Metallicity and superconductivity in doped strontium titanate

TL;DR

This paper reviews how doping strontium titanate leads to metallicity and superconductivity at very low carrier concentrations, highlighting its unique electronic properties and the connection to ferroelectricity.

Contribution

It provides a comprehensive overview of recent research on the electronic phases of doped strontium titanate, emphasizing its superconductivity and ferroelectricity interplay.

Findings

Superconductivity persists at extremely low doping levels.

Metallic behavior remains above room temperature despite low carrier density.

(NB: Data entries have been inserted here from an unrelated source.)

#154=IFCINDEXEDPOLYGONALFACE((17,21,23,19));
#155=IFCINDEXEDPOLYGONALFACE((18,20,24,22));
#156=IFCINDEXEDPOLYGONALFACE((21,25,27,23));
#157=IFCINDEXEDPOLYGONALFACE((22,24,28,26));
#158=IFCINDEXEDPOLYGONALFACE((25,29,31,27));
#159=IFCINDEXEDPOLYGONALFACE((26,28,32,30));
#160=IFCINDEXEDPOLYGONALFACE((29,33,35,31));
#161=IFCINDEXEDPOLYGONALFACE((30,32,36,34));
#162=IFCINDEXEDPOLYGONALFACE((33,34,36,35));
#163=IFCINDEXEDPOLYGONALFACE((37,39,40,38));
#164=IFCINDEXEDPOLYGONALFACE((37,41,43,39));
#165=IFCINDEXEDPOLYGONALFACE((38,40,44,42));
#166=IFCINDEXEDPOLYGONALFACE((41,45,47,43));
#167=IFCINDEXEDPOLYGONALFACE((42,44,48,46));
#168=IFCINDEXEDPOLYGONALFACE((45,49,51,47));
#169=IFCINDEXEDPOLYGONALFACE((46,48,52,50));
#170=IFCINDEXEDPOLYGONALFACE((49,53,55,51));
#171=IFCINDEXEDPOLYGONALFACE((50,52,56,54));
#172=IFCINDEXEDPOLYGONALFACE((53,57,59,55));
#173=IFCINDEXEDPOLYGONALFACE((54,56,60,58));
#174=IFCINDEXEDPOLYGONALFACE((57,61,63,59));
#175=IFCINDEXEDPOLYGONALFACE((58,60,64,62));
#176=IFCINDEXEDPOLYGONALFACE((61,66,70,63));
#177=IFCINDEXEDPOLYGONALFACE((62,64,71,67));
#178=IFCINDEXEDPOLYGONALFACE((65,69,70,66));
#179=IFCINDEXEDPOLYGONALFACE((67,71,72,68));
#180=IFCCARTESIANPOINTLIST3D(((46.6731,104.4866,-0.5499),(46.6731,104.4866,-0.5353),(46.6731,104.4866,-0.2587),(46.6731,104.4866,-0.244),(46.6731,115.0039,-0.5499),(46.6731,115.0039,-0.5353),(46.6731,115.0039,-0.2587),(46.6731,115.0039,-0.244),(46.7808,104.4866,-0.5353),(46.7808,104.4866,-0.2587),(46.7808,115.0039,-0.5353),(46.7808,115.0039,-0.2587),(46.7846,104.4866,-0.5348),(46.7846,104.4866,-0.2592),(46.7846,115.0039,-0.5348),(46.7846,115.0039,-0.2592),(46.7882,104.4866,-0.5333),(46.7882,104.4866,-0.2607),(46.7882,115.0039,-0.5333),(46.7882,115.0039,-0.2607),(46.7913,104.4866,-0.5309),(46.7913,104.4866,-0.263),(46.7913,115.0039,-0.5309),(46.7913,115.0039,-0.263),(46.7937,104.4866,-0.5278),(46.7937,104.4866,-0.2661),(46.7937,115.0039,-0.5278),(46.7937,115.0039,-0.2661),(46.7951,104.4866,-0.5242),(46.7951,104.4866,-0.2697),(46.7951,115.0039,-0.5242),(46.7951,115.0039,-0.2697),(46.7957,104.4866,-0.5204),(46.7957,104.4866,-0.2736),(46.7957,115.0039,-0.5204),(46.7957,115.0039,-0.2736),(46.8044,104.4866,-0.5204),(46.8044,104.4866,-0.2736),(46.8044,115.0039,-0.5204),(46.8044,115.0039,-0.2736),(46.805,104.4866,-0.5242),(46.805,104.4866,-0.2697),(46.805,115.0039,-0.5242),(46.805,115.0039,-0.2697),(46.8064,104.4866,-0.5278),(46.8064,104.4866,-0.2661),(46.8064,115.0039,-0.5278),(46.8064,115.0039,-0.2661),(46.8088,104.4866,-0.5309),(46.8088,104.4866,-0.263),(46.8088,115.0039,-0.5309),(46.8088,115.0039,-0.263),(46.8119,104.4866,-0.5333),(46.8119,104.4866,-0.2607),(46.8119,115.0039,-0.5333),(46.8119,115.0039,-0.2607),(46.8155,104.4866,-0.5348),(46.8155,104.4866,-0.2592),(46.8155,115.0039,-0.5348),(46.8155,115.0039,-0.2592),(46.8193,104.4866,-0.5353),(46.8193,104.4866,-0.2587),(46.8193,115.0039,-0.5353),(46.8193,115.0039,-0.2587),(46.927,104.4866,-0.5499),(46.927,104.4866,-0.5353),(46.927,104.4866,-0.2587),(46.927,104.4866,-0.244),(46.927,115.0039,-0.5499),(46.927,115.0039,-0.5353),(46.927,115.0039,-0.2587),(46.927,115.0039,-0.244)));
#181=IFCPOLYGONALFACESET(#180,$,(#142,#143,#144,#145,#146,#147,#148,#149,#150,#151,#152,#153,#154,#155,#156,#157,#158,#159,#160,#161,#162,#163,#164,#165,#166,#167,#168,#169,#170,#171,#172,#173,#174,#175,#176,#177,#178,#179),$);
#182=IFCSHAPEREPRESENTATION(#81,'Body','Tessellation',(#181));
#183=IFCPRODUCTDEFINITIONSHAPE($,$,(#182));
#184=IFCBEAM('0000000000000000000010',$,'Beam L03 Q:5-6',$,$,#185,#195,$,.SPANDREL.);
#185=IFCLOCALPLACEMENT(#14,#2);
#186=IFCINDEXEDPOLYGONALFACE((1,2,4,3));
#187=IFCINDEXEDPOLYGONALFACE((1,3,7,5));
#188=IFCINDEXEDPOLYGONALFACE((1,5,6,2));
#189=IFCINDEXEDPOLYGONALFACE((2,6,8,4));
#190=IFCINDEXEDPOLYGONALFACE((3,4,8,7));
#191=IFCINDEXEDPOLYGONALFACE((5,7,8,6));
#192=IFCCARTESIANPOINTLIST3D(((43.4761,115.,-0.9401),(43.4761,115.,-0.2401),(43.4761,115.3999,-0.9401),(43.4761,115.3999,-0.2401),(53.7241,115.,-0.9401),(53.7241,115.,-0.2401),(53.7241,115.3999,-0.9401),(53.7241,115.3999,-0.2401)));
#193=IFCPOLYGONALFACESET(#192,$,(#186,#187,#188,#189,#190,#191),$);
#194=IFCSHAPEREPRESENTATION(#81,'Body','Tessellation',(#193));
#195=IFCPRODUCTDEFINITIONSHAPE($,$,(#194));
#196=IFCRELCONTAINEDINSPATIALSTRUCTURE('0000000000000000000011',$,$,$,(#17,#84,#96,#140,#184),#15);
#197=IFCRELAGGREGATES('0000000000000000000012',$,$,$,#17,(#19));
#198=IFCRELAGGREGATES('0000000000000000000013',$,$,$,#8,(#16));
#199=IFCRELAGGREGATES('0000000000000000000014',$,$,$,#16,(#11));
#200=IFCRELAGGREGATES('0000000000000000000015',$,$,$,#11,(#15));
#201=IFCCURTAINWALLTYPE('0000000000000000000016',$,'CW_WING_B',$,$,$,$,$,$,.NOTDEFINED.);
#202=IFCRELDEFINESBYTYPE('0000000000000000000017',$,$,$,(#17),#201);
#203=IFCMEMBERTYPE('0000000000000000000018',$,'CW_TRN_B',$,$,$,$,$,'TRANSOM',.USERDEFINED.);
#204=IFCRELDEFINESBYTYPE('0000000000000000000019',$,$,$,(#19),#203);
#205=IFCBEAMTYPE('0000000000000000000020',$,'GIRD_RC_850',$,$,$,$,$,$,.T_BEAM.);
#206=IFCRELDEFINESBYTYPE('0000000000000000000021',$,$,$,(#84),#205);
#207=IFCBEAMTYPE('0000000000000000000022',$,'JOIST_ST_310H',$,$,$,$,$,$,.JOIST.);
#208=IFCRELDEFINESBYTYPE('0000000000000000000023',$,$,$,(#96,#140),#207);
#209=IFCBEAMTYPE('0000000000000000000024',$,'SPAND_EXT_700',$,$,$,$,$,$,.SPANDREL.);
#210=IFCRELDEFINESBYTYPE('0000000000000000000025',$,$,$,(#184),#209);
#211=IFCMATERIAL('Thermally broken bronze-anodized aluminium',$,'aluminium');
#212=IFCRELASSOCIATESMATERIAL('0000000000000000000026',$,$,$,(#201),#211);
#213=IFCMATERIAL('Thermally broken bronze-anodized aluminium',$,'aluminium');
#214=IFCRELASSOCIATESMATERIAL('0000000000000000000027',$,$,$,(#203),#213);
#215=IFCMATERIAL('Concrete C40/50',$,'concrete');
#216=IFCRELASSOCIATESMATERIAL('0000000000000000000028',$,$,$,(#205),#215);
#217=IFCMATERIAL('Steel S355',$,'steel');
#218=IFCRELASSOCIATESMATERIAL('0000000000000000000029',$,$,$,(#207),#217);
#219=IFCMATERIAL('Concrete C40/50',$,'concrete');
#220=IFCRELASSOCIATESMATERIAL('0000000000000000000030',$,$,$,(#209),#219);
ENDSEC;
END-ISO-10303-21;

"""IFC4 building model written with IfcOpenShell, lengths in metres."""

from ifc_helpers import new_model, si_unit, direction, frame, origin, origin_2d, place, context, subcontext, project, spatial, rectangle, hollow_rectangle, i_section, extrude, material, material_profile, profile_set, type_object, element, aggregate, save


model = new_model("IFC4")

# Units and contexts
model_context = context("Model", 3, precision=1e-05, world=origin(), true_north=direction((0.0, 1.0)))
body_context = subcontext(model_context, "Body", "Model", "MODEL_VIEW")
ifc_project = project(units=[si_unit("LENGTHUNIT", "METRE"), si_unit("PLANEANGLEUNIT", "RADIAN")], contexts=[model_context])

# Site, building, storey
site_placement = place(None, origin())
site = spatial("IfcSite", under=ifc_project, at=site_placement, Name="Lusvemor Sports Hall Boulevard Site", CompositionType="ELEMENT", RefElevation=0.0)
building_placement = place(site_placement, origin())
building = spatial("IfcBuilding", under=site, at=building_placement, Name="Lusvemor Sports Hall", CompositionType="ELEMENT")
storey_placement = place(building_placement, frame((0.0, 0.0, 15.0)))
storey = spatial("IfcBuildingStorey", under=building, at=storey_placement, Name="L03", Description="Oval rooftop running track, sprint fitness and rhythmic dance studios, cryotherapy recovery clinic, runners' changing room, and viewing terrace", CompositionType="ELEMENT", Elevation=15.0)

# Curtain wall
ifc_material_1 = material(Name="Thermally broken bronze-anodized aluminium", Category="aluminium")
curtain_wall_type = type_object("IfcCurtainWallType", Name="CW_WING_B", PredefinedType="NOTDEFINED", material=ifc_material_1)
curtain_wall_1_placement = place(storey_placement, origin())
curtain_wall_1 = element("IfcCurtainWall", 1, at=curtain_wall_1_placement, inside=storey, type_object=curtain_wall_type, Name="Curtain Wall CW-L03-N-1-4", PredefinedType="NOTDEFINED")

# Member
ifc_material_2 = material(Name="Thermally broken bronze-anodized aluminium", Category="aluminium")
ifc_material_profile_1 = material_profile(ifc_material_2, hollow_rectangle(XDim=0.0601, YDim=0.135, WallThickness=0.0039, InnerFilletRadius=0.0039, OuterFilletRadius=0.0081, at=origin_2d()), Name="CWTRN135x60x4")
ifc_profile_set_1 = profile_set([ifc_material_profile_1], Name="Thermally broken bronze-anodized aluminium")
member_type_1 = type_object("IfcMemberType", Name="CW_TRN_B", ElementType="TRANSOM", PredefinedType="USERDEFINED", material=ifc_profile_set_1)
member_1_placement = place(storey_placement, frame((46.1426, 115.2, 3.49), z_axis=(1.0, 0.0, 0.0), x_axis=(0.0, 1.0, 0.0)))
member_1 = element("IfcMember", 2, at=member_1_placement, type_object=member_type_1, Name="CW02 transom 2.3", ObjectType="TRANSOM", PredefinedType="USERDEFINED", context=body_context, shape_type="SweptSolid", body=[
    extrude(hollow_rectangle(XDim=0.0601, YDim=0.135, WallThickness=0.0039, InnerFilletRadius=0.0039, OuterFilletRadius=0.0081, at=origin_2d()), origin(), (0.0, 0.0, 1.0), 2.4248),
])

Superconductivity occurs beyond Migdal-Eliashberg approximation boundaries.

Abstract

Strontium titanate is a wide-gap semiconductor avoiding a ferroelectric instability thanks to quantum fluctuations. This proximity leads to strong screening of static Coulomb interaction and paves the way for the emergence of a very dilute metal with extremely mobile carriers at liquid-helium temperature. Upon warming, mobility decreases by several orders of magnitude. Yet, metallicity persists above room temperature even when the apparent mean-free-path falls below the electron wavelength. The superconducting instability survives at exceptionally low concentrations and beyond the boundaries of Migdal-Eliashberg approximation. An intimate connection between dilute superconductivity and aborted ferroelectricity is widely suspected. In this review, we will give a brief account of ongoing research on bulk strontium titanate as an insulator, a metal and a superconductor.